Regular attendance is essential for success in the course and required per University policy. Absences should be excusable, but you do not need to notify me unless you will miss a meeting for which you are in a leadership role; if so, please email me with as much notice as possible.

In general, you may not miss more than two class meetings for the quarter; please get in touch with me if extenuating circumstances arise that require an exception to this policy.

Classroom environment

I support Cal Poly’s commitment to building an inclusive learning environment where all students can succeed. To that end, I strive to create a classroom in which every student is treated with respect and dignity, regardless of background, beliefs, opinions, identity, or the many visible and nonvisible differences within our community. I want you to feel comfortable in class, especially when sharing your perspective, asking questions, and engaging in discussion with me and with your peers. All members of this class are therefore expected to contribute to a respectful, supportive, and inclusive climate. I expect you to treat others with respect, even (and especially) when you disagree with or do not understand their perspective. I hold myself to the same standard, and I expect the same of every other student in the class. If you experience any form of disrespect or discrimination, small or large, please speak with me.

Communication and email

I encourage you to utilize class meetings and office hours to ask questions or discuss matters related to the course, since that is the only certain means of obtaining a response within a guaranteed time frame.
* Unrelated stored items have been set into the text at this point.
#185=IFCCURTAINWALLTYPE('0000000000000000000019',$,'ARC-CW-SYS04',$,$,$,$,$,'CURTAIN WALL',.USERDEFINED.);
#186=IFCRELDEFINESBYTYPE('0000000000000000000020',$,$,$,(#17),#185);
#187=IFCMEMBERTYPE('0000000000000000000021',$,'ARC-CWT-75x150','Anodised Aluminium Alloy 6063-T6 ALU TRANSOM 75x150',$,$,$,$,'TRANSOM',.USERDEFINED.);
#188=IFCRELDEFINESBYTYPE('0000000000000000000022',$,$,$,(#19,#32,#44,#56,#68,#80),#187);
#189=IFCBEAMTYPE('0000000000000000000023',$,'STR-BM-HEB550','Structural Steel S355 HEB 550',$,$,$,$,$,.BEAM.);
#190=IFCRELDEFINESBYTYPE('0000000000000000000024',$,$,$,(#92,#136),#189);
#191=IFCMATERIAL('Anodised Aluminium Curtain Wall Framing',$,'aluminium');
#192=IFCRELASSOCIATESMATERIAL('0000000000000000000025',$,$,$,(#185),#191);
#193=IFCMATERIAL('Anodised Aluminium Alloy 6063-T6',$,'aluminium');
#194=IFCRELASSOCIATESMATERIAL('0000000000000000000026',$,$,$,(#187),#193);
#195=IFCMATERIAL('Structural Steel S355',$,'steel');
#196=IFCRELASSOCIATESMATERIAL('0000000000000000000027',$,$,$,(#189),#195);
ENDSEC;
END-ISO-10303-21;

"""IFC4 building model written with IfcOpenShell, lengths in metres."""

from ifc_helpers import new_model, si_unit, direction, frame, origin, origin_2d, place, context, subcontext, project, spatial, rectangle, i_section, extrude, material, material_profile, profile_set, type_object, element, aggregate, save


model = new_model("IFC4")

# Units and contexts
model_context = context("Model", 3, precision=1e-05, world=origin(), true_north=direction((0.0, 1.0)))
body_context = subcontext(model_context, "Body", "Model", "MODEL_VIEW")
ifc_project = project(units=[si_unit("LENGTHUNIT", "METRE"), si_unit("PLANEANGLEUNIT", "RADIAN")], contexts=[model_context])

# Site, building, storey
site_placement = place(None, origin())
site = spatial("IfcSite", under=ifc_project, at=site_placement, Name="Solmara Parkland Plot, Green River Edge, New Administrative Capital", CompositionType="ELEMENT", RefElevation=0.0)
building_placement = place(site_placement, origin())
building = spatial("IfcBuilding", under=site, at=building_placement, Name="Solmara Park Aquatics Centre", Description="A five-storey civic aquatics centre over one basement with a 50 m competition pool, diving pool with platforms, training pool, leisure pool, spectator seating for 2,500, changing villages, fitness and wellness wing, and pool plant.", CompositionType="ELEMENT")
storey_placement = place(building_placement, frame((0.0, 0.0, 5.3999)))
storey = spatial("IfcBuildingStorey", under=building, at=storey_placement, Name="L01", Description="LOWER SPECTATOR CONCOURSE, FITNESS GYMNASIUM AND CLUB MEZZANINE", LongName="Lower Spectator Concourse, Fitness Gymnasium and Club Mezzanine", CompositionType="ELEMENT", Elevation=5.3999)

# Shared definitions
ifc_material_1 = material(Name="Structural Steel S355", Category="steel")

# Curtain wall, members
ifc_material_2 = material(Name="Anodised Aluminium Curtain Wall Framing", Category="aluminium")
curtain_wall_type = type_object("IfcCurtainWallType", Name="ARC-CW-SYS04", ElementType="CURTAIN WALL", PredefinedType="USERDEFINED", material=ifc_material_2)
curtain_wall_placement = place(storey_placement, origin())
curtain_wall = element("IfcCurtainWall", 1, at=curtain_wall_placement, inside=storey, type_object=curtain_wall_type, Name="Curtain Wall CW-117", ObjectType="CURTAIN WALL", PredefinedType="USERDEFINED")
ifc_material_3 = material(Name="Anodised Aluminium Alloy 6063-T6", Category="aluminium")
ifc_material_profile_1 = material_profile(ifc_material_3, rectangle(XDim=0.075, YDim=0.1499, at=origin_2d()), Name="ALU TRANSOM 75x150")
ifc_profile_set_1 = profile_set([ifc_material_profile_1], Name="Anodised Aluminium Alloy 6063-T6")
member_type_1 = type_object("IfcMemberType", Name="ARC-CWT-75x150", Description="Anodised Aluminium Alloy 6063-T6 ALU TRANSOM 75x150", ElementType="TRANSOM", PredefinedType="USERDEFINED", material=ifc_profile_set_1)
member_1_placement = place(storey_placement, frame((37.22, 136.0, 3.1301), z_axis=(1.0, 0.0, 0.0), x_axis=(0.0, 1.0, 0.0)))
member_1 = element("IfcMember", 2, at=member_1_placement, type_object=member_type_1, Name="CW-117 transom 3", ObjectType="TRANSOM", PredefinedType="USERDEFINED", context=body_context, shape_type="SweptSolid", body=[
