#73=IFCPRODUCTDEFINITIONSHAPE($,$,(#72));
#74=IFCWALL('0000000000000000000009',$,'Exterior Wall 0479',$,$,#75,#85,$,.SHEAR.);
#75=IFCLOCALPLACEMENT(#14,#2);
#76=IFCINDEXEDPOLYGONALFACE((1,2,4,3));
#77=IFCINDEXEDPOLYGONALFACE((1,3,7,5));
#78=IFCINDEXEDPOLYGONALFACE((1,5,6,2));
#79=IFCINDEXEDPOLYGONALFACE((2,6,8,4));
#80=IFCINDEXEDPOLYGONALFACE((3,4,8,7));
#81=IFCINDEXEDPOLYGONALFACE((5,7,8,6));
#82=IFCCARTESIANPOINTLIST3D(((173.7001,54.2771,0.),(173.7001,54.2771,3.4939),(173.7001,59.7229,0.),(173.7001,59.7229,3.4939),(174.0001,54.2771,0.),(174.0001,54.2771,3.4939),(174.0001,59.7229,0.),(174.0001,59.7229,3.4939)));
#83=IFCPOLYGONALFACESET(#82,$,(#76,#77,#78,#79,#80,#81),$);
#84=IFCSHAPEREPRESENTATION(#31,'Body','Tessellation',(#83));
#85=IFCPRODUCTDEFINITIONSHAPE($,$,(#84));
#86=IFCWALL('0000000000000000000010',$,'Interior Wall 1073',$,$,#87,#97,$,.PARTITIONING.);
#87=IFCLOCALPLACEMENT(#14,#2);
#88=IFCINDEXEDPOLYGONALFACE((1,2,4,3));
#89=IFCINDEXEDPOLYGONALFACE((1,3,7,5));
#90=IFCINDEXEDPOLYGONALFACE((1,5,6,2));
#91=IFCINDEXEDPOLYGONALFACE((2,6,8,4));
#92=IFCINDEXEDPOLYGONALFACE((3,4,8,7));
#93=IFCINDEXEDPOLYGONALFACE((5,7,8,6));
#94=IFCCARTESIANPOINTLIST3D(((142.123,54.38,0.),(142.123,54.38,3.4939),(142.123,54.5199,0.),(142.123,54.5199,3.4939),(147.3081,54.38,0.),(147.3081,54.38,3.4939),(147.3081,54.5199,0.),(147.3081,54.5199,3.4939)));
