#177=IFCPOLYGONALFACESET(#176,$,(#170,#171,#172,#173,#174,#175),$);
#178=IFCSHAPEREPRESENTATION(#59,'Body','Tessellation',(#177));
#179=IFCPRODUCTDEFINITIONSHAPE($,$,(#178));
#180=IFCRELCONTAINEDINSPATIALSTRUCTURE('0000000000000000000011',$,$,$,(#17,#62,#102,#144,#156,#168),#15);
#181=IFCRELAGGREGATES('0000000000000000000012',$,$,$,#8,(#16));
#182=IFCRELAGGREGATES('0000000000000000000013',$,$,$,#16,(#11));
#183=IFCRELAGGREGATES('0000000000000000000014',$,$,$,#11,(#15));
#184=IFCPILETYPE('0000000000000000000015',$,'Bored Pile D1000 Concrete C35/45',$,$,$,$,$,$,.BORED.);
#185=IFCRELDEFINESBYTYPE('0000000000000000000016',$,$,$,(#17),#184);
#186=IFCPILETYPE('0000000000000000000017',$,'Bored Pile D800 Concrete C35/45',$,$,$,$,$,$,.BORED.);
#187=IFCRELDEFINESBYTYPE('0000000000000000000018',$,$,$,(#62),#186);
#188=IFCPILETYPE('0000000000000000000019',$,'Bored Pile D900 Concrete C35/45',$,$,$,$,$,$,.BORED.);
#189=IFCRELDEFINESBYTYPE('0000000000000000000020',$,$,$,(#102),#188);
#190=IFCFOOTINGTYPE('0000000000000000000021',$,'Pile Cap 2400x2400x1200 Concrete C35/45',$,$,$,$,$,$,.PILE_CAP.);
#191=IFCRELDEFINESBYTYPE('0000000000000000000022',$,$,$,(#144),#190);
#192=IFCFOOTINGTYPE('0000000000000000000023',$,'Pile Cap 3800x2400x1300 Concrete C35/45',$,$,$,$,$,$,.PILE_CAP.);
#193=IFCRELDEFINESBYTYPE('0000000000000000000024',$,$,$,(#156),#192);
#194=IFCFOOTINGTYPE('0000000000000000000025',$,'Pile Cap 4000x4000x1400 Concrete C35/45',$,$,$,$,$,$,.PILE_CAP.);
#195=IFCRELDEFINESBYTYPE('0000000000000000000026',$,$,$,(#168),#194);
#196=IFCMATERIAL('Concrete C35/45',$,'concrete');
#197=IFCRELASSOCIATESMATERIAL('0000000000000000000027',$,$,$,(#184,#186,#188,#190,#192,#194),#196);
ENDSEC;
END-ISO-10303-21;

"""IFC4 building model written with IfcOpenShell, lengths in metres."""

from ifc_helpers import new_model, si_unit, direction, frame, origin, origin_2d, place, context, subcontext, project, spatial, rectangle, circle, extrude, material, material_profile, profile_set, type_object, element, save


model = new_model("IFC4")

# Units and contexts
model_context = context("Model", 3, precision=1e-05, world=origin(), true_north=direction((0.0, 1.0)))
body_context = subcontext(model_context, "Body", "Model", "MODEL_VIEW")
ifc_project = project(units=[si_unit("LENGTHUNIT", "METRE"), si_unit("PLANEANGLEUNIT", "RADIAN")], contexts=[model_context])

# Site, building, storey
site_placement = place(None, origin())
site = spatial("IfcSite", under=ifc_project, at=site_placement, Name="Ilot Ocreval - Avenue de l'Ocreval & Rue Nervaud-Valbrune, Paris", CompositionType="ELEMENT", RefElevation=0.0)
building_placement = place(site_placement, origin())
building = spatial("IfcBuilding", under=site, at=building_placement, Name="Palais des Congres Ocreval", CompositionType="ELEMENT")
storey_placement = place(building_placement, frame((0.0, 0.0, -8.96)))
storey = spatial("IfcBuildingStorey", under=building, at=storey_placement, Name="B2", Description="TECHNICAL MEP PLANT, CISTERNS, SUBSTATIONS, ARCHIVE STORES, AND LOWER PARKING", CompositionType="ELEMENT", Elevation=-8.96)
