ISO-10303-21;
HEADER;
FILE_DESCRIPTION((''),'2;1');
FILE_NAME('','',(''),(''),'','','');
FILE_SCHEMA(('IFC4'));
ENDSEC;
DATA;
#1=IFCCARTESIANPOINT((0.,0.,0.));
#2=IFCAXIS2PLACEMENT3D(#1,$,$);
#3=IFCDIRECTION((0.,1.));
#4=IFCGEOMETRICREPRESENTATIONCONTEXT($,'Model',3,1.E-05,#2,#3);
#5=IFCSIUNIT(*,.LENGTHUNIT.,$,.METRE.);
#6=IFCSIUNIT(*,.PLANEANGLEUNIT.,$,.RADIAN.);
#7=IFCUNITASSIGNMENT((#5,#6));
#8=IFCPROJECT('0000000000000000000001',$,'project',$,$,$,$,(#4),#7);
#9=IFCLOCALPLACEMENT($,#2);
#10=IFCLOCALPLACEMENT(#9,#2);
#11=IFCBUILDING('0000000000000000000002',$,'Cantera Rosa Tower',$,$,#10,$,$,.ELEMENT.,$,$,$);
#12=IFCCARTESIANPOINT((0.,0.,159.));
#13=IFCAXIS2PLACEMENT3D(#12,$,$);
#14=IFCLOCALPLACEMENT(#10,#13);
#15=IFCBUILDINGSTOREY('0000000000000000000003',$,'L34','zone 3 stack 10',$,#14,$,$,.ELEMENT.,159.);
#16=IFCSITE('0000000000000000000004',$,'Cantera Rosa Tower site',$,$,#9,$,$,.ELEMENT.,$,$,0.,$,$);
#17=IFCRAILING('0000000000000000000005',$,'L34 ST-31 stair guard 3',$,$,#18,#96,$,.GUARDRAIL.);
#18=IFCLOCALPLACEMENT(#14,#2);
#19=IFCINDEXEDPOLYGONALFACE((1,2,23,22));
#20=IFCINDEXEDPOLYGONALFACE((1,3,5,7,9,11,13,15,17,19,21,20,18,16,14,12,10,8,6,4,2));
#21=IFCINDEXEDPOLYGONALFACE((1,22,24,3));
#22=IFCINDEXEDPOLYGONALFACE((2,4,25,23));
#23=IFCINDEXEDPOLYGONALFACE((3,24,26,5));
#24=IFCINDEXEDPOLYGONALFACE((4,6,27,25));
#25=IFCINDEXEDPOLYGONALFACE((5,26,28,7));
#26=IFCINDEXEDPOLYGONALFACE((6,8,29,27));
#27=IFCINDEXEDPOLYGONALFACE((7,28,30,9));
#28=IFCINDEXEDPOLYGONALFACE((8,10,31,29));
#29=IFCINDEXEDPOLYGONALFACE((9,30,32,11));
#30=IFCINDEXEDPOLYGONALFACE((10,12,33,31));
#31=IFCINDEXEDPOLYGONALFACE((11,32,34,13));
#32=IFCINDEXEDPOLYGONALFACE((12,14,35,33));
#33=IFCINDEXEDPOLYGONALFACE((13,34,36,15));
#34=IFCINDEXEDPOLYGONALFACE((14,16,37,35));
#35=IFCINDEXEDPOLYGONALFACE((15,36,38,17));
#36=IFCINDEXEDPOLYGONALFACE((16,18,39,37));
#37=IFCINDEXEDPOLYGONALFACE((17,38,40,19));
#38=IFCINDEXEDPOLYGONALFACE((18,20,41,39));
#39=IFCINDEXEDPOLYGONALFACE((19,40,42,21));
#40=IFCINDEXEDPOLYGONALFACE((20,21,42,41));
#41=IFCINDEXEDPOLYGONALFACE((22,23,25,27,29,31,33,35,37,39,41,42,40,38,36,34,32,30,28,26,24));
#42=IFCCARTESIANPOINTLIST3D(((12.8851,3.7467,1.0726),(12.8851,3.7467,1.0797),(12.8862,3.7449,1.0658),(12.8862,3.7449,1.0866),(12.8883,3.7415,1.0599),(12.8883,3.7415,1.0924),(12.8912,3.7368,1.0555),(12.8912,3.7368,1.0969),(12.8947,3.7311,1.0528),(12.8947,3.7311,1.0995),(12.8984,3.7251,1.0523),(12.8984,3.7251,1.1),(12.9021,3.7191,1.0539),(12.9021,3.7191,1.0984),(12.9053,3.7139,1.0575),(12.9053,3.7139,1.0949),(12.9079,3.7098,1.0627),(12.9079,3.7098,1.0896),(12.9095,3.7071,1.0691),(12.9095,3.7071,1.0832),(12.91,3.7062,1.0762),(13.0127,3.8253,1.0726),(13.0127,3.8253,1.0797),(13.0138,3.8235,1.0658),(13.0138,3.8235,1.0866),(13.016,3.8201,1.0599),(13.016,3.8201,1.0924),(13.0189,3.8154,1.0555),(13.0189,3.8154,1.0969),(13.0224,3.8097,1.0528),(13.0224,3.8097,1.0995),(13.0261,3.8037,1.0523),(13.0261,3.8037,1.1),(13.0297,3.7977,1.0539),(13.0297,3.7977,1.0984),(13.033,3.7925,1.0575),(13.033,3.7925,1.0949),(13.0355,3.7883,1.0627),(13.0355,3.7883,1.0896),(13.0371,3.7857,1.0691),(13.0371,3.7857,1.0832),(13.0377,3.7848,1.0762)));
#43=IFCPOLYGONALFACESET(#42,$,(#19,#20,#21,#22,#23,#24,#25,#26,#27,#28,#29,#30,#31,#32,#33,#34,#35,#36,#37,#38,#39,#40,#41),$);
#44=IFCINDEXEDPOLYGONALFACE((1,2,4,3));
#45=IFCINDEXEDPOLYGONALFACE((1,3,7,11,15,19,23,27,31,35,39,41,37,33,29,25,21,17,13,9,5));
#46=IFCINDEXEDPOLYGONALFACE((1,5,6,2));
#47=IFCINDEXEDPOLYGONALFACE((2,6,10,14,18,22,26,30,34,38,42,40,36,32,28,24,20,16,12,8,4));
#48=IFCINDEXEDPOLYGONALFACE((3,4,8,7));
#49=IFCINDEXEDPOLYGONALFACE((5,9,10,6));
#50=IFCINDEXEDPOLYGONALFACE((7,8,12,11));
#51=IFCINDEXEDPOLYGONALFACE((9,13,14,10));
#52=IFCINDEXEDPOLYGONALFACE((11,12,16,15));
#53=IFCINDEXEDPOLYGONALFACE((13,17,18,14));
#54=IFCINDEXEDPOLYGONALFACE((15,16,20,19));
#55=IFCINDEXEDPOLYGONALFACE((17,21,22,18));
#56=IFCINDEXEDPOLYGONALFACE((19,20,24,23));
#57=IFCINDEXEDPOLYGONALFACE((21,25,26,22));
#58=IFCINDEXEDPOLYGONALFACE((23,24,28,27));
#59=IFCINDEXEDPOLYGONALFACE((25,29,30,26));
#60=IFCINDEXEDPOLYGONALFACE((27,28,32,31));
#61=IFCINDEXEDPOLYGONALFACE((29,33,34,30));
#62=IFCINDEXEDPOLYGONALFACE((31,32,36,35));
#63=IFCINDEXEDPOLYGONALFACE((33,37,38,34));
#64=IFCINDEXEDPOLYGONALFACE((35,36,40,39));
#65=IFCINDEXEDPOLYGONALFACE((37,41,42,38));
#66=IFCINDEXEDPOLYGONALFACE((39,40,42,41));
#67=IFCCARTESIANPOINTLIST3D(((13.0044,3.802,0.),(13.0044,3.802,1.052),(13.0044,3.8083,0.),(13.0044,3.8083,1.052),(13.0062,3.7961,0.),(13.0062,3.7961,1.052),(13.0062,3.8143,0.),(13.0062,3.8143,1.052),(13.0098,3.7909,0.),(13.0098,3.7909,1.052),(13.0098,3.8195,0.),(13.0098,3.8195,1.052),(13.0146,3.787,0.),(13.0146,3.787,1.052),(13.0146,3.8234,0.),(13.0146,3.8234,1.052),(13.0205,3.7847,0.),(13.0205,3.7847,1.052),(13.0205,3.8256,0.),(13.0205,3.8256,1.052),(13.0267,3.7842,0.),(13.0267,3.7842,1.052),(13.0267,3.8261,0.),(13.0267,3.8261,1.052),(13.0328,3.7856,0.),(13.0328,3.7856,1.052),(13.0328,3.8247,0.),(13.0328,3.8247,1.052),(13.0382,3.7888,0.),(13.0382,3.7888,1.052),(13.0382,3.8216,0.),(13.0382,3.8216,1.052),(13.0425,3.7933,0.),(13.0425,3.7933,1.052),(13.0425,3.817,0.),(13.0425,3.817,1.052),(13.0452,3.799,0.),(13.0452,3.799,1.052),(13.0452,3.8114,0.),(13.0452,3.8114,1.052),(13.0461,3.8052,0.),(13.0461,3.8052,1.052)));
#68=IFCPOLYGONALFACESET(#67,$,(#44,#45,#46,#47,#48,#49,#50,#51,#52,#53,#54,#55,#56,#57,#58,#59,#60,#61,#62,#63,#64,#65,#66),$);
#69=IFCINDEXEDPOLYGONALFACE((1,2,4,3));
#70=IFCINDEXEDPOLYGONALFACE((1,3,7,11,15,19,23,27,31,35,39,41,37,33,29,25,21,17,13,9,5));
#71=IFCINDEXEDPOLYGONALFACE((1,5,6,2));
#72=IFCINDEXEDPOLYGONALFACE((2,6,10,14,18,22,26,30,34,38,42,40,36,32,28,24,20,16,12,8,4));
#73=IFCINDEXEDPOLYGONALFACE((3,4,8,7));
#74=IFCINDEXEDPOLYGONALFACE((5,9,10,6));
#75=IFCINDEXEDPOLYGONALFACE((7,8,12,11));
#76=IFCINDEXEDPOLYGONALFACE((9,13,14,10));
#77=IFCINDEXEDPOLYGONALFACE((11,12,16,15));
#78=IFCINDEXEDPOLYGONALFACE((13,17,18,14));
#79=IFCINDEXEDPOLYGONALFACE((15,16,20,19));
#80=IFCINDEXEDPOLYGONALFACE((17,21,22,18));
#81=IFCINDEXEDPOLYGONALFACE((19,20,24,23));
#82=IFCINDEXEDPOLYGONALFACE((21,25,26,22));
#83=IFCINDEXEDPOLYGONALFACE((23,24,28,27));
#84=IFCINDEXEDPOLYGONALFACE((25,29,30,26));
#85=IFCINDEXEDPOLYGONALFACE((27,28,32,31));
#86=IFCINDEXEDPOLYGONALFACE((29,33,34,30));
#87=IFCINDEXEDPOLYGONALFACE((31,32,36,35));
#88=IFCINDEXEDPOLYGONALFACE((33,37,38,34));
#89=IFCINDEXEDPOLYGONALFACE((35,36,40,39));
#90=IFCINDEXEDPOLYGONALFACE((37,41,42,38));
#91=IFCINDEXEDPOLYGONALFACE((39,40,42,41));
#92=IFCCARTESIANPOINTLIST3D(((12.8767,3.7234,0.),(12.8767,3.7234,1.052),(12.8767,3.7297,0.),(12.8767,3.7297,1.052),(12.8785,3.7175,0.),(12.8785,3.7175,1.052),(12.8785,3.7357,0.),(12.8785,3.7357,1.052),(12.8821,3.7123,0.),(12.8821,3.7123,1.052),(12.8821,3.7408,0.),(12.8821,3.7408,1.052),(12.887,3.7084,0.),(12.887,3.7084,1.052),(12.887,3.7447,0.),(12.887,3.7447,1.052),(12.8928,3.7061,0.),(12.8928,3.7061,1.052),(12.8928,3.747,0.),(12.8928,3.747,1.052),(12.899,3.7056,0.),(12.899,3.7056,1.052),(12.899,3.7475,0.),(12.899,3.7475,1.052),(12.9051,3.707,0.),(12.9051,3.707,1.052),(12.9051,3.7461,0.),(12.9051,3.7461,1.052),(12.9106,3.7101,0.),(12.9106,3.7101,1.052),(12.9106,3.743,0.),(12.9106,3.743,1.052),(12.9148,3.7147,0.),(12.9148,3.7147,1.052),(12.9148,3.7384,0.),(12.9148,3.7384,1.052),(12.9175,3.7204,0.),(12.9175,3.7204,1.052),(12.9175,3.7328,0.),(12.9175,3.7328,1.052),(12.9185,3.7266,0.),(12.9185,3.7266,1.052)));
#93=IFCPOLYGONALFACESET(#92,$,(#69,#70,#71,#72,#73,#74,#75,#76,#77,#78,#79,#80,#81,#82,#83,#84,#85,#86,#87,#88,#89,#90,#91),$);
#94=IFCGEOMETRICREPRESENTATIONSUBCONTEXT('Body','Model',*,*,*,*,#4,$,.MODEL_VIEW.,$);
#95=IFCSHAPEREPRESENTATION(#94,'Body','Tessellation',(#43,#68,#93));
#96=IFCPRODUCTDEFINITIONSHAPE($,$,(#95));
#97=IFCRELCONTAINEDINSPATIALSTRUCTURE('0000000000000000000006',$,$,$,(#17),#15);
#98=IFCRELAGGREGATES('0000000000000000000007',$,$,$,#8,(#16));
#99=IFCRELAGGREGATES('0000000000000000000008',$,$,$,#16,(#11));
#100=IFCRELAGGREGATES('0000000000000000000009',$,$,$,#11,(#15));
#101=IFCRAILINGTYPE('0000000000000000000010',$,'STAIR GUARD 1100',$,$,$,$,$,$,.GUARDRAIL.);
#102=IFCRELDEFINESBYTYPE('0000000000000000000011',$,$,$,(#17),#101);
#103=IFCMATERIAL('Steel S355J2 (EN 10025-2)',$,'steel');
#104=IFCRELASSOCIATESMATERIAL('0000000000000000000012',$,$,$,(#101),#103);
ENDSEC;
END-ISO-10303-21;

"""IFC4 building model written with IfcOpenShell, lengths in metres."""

from ifc_helpers import new_model, si_unit, direction, frame, origin, origin_2d, place, context, subcontext, project, spatial, circle, extrude, material, type_object, element, save


model = new_model("IFC4")

# Units and contexts
model_context = context("Model", 3, precision=1e-05, world=origin(), true_north=direction((0.0, 1.0)))
body_context = subcontext(model_context, "Body", "Model", "MODEL_VIEW")
ifc_project = project(units=[si_unit("LENGTHUNIT", "METRE"), si_unit("PLANEANGLEUNIT", "RADIAN")], contexts=[model_context])

# Site, building, storey
site_placement = place(None, origin())
site = spatial("IfcSite", under=ifc_project, at=site_placement, Name="Cantera Rosa Tower site", CompositionType="ELEMENT", RefElevation=0.0)
building_placement = place(site_placement, origin())
building = spatial("IfcBuilding", under=site, at=building_placement, Name="Cantera Rosa Tower", CompositionType="ELEMENT")
storey_placement = place(building_placement, frame((0.0, 0.0, 159.0)))
storey = spatial("IfcBuildingStorey", under=building, at=storey_placement, Name="L34", Description="zone 3 stack 10", CompositionType="ELEMENT", Elevation=159.0)

# Railing
ifc_material_1 = material(Name="Steel S355J2 (EN 10025-2)", Category="steel")
railing_type_1 = type_object("IfcRailingType", Name="STAIR GUARD 1100", PredefinedType="GUARDRAIL", material=ifc_material_1)
railing_1_placement = place(storey_placement, frame((13.0251, 3.8052, 0.0)))
element("IfcRailing", 1, at=railing_1_placement, inside=storey, type_object=railing_type_1, Name="L34 ST-31 stair guard 3", PredefinedType="GUARDRAIL", context=body_context, shape_type="SweptSolid", body=[
    extrude(circle(Radius=0.0239, at=origin_2d()), frame((0.0, 0.0, 1.0762), z_axis=(-0.851546, -0.524279, 0.0), x_axis=(0.524279, -0.851546, 0.0)), (0.0, 0.0, 1.0), 0.1499),
    extrude(circle(Radius=0.021, at=origin_2d()), origin(), (0.0, 0.0, 1.0), 1.052),
    extrude(circle(Radius=0.021, at=origin_2d()), frame((-0.1277, -0.0786, 0.0)), (0.0, 0.0, 1.0), 1.052),
])

save(model, "model.ifc")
I respond to most email within 24 weekday hours, but I cannot guarantee this response time and I occasionally miss messages altogether (though I try not to). I don’t answer emails at night or on weekends, so while you are welcome to write me outside of business hours, please don’t expect a reply until the following business day. I also sometimes get behind on answering emails, so please wait a few days (preferably one week if it’s not pressing) before sending a follow up or reminder.

Grades and assessments

Per University policy, faculty have final responsibility for grading criteria and grading judgment and have the right to alter student assessment or other parts of the syllabus during the term. It is not appropriate to attempt to negotiate scores or final grades. Once the term has concluded, final grades will only be changed in the case of clerical errors, without exception. If you feel your grade is unfairly assigned at the end of the course, you have the right to appeal it according to the procedure outlined here.

Accommodations

It is University policy to provide, on a flexible and individualized basis, reasonable accommodations to students who have disabilities that may affect their ability to participate in course activities or to meet course requirements. Accommodation requests should be made through the Disability Resource Center (DRC).

Conduct and Academic Integrity

You are expected to be aware of and adhere to University policy regarding academic integrity and conduct. Detailed information on these policies, and potential repercussions of policy violations, can be found via the Office of Student Rights & Responsibilities (OSRR).